А если кому-нибудь не нравится все написанное — правильно. Иногда ведь пишешь не как положено, а как хочется. Раз в жизни можно написать некролог не по канонам жанра, а в соответствии с характером и стилистикой покойного.
Екатерина Варкан
Москва
Ай да Пушкин!
Мне нравилось начало некоего текста Андрея Георгиевича. И я шутила, что текст замечательный, но можно уже после первого предложения смело ставить точку. Отчего объем и качество сказанного далее никак не умаляется. Даже если и не читать. Но всегда я забывала название этой вещи и спрашивала у АБ. (Аббревиатура ненавистна для Андрея Георгиевича. Ну, так пришлось, идет от его автографов, − буквосочетание, используемое в переписке.) Такая беспамятность моя относилась и еще к некоторым его отменным сочинениям. Например, где именно он входил в водку по щиколотку, потом по колено. АБ почему-то никогда не злился, а снисходительно вспоминал, приговаривая: «Что я вам тут?..»

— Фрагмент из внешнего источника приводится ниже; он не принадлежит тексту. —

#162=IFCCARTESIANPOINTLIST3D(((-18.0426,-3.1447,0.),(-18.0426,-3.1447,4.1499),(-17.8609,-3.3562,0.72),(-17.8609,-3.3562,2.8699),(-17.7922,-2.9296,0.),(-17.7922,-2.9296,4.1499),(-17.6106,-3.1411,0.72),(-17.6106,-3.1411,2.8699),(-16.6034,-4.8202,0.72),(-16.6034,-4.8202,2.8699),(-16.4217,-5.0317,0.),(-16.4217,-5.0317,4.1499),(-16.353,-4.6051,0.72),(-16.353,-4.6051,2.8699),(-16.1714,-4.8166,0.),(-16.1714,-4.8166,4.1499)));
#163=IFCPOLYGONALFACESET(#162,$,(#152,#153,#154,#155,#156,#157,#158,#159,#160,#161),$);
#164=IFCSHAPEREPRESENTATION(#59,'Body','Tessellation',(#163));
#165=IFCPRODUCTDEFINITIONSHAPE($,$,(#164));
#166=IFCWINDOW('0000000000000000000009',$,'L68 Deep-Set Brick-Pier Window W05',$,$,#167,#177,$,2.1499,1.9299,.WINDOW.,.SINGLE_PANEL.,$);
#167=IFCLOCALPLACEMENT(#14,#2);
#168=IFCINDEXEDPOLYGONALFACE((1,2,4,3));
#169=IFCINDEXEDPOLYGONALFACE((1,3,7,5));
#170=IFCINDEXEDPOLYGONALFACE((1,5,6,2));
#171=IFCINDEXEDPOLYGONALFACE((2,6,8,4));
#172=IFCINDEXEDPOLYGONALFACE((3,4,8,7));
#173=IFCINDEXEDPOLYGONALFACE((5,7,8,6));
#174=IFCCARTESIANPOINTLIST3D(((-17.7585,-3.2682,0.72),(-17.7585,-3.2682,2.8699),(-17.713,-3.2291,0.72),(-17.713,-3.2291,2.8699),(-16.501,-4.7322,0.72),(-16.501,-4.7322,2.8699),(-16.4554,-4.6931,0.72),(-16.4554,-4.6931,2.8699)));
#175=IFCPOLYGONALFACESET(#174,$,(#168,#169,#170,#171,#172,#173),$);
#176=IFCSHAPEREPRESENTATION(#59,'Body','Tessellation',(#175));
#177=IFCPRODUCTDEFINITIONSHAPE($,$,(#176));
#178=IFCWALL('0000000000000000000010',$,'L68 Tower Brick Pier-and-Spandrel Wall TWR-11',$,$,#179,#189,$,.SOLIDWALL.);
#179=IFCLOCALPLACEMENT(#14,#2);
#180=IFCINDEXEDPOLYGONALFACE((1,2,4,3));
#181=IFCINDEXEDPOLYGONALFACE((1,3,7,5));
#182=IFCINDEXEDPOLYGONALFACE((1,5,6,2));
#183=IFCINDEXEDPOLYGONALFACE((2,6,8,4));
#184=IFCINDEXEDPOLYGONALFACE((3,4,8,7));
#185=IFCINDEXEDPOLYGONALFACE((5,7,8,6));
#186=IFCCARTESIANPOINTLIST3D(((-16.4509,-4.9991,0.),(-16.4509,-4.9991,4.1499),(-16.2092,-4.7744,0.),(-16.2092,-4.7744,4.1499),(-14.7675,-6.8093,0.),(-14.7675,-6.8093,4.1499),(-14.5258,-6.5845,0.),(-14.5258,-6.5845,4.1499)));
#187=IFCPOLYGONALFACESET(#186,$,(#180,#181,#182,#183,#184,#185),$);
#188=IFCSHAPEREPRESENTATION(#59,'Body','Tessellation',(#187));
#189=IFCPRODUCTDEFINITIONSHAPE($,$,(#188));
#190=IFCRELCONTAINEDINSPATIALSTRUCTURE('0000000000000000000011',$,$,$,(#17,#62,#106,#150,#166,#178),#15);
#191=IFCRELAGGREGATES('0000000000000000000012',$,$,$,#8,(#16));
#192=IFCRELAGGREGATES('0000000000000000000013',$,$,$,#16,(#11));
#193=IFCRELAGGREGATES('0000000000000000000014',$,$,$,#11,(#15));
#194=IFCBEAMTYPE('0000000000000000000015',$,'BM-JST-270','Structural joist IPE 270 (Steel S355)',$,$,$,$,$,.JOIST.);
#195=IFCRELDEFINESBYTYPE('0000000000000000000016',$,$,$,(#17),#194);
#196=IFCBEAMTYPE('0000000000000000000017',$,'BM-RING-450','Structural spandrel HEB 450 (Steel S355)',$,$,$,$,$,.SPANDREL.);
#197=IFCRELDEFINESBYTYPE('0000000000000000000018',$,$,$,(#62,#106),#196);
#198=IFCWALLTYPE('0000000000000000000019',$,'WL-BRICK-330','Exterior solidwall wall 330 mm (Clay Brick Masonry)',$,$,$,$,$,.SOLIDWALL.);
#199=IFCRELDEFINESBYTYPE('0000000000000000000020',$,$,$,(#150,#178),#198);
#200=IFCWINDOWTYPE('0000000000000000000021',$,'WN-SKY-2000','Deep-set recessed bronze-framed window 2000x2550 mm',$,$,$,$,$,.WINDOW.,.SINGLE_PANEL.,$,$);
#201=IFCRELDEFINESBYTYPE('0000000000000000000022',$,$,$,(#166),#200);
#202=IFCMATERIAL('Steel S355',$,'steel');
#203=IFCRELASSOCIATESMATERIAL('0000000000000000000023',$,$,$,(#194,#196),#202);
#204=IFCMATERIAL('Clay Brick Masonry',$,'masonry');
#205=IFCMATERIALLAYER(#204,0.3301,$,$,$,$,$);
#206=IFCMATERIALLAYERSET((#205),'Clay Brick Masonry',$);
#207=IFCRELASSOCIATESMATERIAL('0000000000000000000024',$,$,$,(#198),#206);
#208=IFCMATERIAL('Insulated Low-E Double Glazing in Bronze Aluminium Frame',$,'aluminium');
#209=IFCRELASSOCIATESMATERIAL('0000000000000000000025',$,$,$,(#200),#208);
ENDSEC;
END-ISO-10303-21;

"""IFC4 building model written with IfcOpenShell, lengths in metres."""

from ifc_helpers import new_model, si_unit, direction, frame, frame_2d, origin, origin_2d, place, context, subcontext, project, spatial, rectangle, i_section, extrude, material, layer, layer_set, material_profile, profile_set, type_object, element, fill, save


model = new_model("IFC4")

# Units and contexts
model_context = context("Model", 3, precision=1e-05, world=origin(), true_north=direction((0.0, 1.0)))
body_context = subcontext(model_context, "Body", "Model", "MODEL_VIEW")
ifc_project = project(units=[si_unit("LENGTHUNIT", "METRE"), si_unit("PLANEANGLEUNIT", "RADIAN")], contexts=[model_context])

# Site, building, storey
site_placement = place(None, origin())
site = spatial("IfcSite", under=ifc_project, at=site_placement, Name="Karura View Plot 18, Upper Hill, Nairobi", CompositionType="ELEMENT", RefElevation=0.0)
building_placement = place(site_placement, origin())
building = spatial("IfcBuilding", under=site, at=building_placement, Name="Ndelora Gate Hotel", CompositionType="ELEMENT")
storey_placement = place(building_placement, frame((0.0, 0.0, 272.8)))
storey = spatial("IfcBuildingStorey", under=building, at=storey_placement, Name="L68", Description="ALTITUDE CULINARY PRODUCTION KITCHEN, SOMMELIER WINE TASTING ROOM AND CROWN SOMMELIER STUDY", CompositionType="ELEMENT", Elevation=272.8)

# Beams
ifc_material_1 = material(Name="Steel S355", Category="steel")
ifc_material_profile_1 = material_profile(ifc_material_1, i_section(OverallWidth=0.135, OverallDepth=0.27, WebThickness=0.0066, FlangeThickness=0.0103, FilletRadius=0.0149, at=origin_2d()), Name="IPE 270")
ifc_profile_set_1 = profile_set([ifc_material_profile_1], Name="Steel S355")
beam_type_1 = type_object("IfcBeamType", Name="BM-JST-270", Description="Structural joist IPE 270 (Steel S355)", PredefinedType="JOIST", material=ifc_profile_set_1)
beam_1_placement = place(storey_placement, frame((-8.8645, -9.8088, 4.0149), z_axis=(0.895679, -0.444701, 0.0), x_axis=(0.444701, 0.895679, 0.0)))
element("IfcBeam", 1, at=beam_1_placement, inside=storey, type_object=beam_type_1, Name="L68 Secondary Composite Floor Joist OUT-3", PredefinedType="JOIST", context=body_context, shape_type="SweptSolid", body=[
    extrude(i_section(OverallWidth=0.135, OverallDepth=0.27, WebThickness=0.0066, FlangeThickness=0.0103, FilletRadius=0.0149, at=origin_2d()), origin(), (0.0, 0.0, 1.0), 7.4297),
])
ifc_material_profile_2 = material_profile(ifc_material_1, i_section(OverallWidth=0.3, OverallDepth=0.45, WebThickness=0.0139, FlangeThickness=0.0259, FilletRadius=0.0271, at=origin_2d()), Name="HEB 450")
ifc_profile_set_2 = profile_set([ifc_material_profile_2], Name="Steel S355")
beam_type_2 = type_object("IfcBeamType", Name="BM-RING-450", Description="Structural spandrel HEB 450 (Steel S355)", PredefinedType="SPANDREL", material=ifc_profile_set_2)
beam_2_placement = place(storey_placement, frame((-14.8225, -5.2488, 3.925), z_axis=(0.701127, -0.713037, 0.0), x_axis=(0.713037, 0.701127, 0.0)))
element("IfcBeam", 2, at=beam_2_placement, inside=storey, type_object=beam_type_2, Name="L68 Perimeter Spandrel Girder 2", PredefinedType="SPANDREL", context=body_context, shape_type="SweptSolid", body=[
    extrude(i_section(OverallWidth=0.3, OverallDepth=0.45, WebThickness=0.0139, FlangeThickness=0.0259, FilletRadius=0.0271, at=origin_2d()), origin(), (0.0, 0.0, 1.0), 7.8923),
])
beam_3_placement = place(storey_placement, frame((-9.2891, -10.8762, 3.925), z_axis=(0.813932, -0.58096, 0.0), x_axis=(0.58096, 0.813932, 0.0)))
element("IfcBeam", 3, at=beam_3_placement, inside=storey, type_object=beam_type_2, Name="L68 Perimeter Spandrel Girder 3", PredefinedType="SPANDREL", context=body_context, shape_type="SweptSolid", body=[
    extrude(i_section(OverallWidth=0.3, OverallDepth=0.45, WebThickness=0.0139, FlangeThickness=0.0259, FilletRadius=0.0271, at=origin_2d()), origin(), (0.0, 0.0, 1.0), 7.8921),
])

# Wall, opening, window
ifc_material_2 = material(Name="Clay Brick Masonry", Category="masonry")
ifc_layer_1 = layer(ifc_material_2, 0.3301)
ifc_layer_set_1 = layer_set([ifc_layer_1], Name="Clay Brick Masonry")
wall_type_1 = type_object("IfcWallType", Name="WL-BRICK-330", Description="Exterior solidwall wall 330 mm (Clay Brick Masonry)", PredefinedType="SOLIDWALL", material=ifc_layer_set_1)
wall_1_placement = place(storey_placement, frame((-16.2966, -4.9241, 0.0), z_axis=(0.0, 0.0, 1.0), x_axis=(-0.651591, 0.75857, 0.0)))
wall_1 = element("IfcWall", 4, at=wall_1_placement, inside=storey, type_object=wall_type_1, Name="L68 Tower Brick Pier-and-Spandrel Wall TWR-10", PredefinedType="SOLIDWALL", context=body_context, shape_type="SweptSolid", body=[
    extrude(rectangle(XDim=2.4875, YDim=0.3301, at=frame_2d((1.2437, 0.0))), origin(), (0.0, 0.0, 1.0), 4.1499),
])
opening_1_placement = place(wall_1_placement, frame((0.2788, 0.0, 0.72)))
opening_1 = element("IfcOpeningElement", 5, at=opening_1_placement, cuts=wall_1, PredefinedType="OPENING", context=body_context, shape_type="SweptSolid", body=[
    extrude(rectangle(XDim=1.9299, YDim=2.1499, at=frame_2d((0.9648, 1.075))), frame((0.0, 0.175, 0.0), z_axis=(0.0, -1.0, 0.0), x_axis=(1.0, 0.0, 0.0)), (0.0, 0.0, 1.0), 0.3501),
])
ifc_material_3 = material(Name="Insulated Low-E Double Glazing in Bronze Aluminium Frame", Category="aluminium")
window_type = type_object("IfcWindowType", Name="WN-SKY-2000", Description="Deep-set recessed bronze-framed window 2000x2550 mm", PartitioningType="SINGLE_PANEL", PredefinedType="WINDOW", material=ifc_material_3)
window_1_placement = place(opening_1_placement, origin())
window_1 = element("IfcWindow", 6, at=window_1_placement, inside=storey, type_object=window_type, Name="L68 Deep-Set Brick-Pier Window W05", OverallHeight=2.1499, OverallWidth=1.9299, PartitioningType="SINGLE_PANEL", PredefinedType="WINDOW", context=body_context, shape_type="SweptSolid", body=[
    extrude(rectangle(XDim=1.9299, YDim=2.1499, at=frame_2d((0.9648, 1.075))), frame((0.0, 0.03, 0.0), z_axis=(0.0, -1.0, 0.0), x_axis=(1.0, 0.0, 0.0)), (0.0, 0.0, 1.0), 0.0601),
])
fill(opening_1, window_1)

Так вот и сейчас, то первое предложение того текста я пишу по памяти, потому как опять не понимаю, откуда взять точную цитату. «Это нам только кажется, что мы про Пушкина знаем все, на самом деле мы не знаем даже размера его ботинок».
Если поразмыслить, отсутствие такого важнейшего знания, размера ботинок Пушкина, конечно, неизмеримая потеря для пушкинистики, которую она даже и не приметила. А между тем сам Александр Сергеевич в своих дневниках настоятельно советовал записывать всякие мелочи, которые и составляют бытовую культуру времени. Кроме определения личностей и событий, перелагания анекдотов сам Пушкин иной раз, возвращаясь с раутов и балов, аккуратно заносил в дневник и такие пустяки, как то: кто в каком мундире был, кто одет дитятей, кто скоморохом, кто шутом и всякие другие будто глупости, на которых потом взрастали цельные его произведения. При таких заметках случалась порой приписка автора: «Замеч. для потомства».

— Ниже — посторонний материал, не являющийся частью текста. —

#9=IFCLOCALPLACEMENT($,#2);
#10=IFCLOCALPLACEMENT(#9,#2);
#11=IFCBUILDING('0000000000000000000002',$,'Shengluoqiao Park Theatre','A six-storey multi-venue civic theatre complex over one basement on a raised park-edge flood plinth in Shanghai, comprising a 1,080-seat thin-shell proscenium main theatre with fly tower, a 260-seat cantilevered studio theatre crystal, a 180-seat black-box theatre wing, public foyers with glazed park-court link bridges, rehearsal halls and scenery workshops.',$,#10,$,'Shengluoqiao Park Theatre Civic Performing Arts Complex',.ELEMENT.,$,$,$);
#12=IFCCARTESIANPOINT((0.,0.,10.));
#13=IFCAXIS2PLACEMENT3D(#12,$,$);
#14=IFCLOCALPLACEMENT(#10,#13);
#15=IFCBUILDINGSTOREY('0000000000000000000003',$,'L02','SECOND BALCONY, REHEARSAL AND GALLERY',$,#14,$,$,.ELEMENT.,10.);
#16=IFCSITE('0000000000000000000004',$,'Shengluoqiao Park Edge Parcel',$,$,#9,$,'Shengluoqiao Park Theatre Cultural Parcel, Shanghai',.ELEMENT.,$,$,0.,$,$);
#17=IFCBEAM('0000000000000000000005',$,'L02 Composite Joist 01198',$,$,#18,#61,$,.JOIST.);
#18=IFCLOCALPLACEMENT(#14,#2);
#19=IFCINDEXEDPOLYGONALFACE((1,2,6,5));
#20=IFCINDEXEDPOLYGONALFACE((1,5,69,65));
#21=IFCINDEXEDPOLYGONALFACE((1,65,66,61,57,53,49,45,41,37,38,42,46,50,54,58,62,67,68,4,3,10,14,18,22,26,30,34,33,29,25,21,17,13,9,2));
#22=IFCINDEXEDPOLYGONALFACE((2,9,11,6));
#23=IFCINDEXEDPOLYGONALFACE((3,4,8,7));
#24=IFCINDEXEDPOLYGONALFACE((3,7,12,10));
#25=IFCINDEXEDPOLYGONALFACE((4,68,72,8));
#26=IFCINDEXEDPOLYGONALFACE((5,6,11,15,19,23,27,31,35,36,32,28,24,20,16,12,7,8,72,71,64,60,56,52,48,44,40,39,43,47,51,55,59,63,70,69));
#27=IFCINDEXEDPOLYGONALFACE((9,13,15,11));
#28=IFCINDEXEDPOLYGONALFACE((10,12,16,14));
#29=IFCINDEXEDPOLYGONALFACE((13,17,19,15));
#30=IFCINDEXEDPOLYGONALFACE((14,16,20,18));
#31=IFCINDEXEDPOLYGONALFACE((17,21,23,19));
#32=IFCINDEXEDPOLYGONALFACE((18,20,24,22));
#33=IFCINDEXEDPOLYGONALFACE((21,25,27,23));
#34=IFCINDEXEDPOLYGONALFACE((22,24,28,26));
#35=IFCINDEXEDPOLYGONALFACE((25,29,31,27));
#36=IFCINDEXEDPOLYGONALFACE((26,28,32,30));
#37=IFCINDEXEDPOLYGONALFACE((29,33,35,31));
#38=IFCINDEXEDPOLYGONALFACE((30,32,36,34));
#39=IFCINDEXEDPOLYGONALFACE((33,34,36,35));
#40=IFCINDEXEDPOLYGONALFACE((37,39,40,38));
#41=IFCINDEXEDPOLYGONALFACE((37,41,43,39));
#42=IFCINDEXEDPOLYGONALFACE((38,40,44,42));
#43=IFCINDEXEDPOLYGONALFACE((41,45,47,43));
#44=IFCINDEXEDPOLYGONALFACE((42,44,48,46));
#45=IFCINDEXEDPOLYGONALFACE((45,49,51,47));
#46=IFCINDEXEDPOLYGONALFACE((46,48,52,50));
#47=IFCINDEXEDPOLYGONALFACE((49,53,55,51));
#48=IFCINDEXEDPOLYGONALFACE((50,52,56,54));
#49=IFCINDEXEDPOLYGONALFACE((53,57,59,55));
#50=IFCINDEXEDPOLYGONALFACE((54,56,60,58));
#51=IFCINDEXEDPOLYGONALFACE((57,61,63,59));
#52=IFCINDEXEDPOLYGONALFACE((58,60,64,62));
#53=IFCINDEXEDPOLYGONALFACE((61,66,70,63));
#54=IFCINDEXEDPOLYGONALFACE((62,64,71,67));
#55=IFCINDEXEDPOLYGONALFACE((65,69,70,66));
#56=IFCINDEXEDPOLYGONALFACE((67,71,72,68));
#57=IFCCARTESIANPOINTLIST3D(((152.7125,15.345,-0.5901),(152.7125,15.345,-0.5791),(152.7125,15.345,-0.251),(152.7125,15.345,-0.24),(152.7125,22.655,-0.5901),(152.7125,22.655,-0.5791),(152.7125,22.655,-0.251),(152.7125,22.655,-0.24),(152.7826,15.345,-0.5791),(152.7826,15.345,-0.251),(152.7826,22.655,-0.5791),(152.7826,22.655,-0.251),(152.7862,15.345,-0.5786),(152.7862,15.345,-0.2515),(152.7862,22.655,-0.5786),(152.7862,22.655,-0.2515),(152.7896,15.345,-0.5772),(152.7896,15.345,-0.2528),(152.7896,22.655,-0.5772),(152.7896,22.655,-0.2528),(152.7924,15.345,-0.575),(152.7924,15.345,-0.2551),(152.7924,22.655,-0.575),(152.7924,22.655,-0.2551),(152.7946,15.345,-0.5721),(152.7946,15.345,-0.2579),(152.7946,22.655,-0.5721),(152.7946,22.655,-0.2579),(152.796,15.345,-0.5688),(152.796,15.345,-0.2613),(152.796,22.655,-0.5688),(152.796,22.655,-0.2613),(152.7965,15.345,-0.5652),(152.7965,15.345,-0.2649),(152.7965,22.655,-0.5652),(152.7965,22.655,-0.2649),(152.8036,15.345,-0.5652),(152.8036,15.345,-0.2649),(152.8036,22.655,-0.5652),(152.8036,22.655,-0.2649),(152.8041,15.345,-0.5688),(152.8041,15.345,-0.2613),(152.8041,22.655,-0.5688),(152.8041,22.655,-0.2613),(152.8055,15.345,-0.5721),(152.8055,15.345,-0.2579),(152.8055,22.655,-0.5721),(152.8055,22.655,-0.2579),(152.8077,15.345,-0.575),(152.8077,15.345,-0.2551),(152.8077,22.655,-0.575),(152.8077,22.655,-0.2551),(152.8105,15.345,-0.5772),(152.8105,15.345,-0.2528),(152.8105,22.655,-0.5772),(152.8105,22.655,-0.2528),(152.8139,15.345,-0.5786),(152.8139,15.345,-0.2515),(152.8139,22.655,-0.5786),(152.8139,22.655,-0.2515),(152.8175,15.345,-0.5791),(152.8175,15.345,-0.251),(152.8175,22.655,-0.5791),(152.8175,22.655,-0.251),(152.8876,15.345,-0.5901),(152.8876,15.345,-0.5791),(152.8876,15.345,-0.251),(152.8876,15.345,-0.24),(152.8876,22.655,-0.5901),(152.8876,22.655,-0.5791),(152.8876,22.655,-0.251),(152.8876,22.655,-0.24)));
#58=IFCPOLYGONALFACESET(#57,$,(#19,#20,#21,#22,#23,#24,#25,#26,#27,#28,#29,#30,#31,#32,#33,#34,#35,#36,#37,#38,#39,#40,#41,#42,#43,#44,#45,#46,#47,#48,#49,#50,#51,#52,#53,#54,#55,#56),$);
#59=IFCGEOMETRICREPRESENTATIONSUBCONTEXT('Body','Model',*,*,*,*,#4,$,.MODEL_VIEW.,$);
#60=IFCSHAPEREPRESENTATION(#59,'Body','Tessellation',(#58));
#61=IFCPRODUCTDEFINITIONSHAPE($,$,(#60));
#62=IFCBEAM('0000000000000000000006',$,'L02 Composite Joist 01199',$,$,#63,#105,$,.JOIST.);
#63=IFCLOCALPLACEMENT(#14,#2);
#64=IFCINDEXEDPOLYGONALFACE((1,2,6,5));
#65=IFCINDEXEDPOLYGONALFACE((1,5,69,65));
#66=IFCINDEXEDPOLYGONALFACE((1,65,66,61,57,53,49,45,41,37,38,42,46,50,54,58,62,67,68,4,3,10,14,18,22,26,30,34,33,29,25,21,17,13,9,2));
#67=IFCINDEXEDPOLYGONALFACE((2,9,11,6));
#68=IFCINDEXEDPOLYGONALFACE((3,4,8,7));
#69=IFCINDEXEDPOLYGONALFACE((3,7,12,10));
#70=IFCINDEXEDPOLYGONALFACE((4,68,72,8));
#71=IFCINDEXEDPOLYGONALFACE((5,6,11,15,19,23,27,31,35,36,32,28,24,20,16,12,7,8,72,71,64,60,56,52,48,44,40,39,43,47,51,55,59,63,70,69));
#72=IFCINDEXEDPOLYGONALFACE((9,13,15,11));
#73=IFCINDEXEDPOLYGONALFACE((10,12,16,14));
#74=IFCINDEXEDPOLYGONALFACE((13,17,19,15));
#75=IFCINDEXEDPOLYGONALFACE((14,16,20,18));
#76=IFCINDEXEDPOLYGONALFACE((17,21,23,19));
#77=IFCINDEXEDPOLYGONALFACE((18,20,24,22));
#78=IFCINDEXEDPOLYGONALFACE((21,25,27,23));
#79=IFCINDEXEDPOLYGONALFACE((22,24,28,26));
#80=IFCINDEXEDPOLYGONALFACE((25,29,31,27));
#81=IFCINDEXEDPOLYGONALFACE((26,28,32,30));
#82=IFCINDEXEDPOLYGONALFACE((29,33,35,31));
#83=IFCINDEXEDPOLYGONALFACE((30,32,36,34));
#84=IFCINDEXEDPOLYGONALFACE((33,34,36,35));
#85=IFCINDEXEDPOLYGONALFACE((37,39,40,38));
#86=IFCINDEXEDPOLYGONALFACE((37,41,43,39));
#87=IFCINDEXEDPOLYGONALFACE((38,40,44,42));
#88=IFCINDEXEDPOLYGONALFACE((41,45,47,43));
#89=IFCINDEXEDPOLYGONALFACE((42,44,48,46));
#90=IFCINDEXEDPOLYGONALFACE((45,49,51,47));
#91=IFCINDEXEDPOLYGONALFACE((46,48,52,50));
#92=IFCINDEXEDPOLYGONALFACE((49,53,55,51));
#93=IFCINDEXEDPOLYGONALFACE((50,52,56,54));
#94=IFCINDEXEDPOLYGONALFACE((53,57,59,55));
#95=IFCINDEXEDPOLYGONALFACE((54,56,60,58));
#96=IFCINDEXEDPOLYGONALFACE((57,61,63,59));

Вслед за своим старшим товарищем АБ так же ценил безделицы, что не всякий раз памятью упомнишь, и исправно твердил о них. Что стоила петрушка в каком-нибудь 70-м году 20-го века? — три копейки. А ведь без нее, петрушки, никак не разочтешь, почем отпускали корову крестьянину в 20-х годах века 19-го. Беспокоила его и стоимость бутылки водки в разные времена, что, безусловно, всегда весьма актуально. Так именно он и сообразил, что «поллитра» выдумана в России в каком-то мохнатом времени Петра Первого.
Мы дневников по-прежнему не пишем и ничему не научились.
Кто бывал у АБ на Краснопрудной, знает, что посиделки обычно проходили на кухне за старым дубовым столом на фоне старого дубового буфета. Оба — и стол, и буфет — некогда явились в Москву из Петербурга, тогда еще Ленинграда. Это семейное наследие. Их заказал краснодеревщику дед (или прадед?) АБ еще в начале 20-го века.
Если же любопытный посетитель отваживался заглянуть в жилую комнату, он непременно знал любимую игрушку хозяина — Пушкин на лошадке. Чудо это когда-то сотворил Резо Габриадзе, вырезав из листа фанеры, и подарил восхищенному другу. Резо Леванович украсил волоокую лошадку дивными стекляшками и камушками, обвешал серьгами и браслетами, а Пушкина одарил пером. Живописный объект этот как-то хитро прикреплялся к старинному круглому столику. Если нежно тронуть лошадку, она принималась скакать, а наездник Пушкин помахивал ручками собравшимся.
Столик круглый, по затее старых мастеров, предназначался для чайных и кофейных церемоний. И правда, почти всякий раз наблюдались на нем маленькая чашечка с остатками кофе и пепельничка с окурком. Обозначая некое присутствие.
Был у АБ и настоящий письменный стол. Тоже старый, с зеленым потертым сукном. Никто или мало кто видел хозяина за этим столом занимающимся.
Как-то взялись какие-то люди отреставрировать этот суконный стол. Но только испортили дело. АБ впал в ярость. Стол, однако, был здесь никак не виноват. Но так и остался неприкаянным, заваленный книгами и бумагами.
Писал АБ обыкновенно (в последние годы) либо лежа в кровати — ручкой в толстых тетрадях, либо в ноутбуке, который размещался на еще одном, также старом, сложенном ломберном столике. Это — к слову.
Раздавая телевизионные интервью, АБ по обыкновению садился за круглый столик рядом с лошадкой и как бы, может быть, собеседовал с Пушкиным, а вовсе не с выставленной камерой.
Однажды мы с Оксаной Ивановной, бывшей тогда его секретарем, воспользовались долговременным отъездом хозяина и решили навести хотя какой порядок в доме. Заручились даже и разрешением, что было сделать непросто. АБ любил свой порядок, который частым посетителям его жилища хорошо известен.